Some years after I became a Catholic, I joined Mother Teresa's
congregation, the Missionaries of Charity. I was one of her sisters
for nine and a half years, living in the Bronx, Rome, and San
Franciso, until I became disillusioned and left in May 1989. As I
reentered the world, I slowly began to unravel the tangle of lies in
which I had lived. I wondered how I could have believed them for so
long.
Three of Mother Teresa's teachings that are fundamental to her
religious congregation are all the more dangerous because they are
believed so sincerely by her sisters. Most basic is the belief that
as long as a sister obeys she is doing God's will. Another is the
belief that the sisters have leverage over God by choosing to suffer.
Their suffering makes God very happy. He then dispenses more graces
to humanity. The third is the belief that any attachment to human
beings, even the poor being served, supposedly interferes with love of
God and must be vigilantly avoided or immediately uprooted. The
efforts to prevent any attachments cause continual chaos and
confusion, movement and change in the congregation. Mother Teresa did
not invent these beliefs - they were prevalent in religious
congregations before Vatican II - but she did everything in her power
(which was great) to enforce them.
Once a sister has accepted these fallacies she will do almost
anything. She can allow her health to be destroyed, neglect those she
vowed to serve, and switch off her feelings and independent thought.
She can turn a blind eye to suffering, inform on her fellow sisters,
tell lies with ease, and ignore public laws and regulations.
Women from many nations joined Mother Teresa in the expectation that
they would help the poor and come closer to God themselves. When I
left, there were more than 3,000 sisters in approximately 400 houses
scattered throughout the world. Many of these sisters who trusted
Mother Teresa to guide them have become broken people.

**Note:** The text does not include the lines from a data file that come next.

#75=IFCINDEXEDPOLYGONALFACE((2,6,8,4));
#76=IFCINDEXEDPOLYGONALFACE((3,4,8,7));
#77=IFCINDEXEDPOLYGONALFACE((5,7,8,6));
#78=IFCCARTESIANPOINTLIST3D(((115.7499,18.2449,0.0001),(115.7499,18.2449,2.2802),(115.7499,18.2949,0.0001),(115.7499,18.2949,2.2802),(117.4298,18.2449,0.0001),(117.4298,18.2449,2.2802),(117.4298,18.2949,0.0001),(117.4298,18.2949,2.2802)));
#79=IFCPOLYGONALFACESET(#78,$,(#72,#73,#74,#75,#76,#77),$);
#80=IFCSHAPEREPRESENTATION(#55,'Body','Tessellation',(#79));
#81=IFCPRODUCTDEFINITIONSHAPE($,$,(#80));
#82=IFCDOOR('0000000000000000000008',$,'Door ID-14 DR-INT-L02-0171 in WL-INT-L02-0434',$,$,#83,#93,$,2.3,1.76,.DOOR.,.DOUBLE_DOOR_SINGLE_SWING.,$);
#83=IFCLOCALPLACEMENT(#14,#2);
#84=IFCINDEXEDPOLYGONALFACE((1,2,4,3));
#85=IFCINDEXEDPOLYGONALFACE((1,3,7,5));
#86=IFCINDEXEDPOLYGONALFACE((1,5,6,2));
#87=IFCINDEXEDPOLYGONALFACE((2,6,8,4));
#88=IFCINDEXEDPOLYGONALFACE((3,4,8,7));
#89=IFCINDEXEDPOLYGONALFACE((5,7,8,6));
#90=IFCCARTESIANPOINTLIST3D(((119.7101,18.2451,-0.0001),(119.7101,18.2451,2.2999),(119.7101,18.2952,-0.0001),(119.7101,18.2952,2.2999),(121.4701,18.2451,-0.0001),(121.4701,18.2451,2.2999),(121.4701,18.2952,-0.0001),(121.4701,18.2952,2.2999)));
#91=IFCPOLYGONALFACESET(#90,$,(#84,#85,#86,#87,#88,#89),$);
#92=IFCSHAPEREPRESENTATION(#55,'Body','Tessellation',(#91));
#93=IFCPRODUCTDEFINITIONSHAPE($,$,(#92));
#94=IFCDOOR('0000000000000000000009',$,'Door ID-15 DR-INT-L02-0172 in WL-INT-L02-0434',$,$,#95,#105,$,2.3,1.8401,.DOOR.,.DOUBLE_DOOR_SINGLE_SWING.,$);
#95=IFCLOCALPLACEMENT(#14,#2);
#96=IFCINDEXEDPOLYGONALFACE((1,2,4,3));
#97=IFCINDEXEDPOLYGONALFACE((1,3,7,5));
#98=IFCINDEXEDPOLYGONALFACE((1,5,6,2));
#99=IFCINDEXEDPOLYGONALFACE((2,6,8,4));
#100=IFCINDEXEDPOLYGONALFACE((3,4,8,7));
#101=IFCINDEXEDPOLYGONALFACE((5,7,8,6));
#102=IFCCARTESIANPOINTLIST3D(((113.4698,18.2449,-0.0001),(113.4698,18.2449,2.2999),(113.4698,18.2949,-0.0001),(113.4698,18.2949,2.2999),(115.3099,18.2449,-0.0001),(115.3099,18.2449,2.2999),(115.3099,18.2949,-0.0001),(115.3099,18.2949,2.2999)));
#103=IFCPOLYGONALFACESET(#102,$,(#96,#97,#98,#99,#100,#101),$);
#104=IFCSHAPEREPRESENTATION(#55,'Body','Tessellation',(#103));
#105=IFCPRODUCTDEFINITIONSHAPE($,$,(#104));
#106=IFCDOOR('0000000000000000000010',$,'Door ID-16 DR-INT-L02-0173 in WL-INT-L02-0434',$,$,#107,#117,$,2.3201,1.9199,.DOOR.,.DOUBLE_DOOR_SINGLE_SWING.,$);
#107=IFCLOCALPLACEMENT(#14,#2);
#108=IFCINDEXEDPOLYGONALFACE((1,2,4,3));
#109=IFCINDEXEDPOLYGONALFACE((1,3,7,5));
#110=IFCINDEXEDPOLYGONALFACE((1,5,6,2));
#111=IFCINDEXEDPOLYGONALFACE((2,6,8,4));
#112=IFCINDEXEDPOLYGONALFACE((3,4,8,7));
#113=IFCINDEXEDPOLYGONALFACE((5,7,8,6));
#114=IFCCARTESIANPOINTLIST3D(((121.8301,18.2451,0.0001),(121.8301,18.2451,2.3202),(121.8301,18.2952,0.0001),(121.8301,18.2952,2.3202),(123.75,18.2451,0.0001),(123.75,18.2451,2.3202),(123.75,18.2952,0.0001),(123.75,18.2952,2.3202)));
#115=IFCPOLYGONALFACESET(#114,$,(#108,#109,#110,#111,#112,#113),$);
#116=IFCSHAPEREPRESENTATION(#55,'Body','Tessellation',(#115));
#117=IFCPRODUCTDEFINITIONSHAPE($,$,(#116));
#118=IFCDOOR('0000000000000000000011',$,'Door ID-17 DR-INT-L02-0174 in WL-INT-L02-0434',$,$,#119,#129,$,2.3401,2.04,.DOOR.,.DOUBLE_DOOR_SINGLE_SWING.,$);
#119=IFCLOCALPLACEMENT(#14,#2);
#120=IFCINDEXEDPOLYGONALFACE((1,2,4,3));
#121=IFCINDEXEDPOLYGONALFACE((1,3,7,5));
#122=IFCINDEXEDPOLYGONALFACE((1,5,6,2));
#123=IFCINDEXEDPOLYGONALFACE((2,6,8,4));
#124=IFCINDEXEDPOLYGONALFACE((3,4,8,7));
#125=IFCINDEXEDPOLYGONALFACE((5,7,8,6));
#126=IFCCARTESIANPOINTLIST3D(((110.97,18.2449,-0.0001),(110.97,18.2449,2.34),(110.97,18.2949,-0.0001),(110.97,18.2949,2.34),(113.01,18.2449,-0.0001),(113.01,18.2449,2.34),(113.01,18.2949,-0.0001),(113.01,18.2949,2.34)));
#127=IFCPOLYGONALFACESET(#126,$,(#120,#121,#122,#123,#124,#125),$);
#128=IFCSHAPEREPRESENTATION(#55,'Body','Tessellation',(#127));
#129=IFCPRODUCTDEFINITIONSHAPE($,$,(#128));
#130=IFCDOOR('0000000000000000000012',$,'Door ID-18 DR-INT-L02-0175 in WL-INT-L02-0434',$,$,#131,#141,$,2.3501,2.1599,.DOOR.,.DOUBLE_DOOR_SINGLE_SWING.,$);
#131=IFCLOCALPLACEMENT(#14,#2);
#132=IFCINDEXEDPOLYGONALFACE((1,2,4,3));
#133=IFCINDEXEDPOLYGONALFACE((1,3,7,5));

In the face of
overwhelming evidence, some of them have finally admitted that their
trust has been betrayed, that God could not possibly be giving the
orders they hear. It is difficult for them to decide to leave - their
self-confidence has been destroyed, and they have no education beyond
what they brought with them when they joined. I was one of the lucky
ones who mustered enough courage to walk away.
It is in the hope that others may see the fallacy of this purported
way to holiness that I tell a little of what I know. Although there
are relatively few tempted to join Mother Teresa's congregation of
sisters, there are many who generously have supported her work because
they do not realize how her twisted premises strangle efforts to
alleviate misery. Unaware that most of the donations sit unused in
her bank accounts, they too are deceived into thinking they are
helping the poor.
As a Missionary of Charity, I was assigned to record donations and
write the thank-you letters. The money arrived at a frantic rate.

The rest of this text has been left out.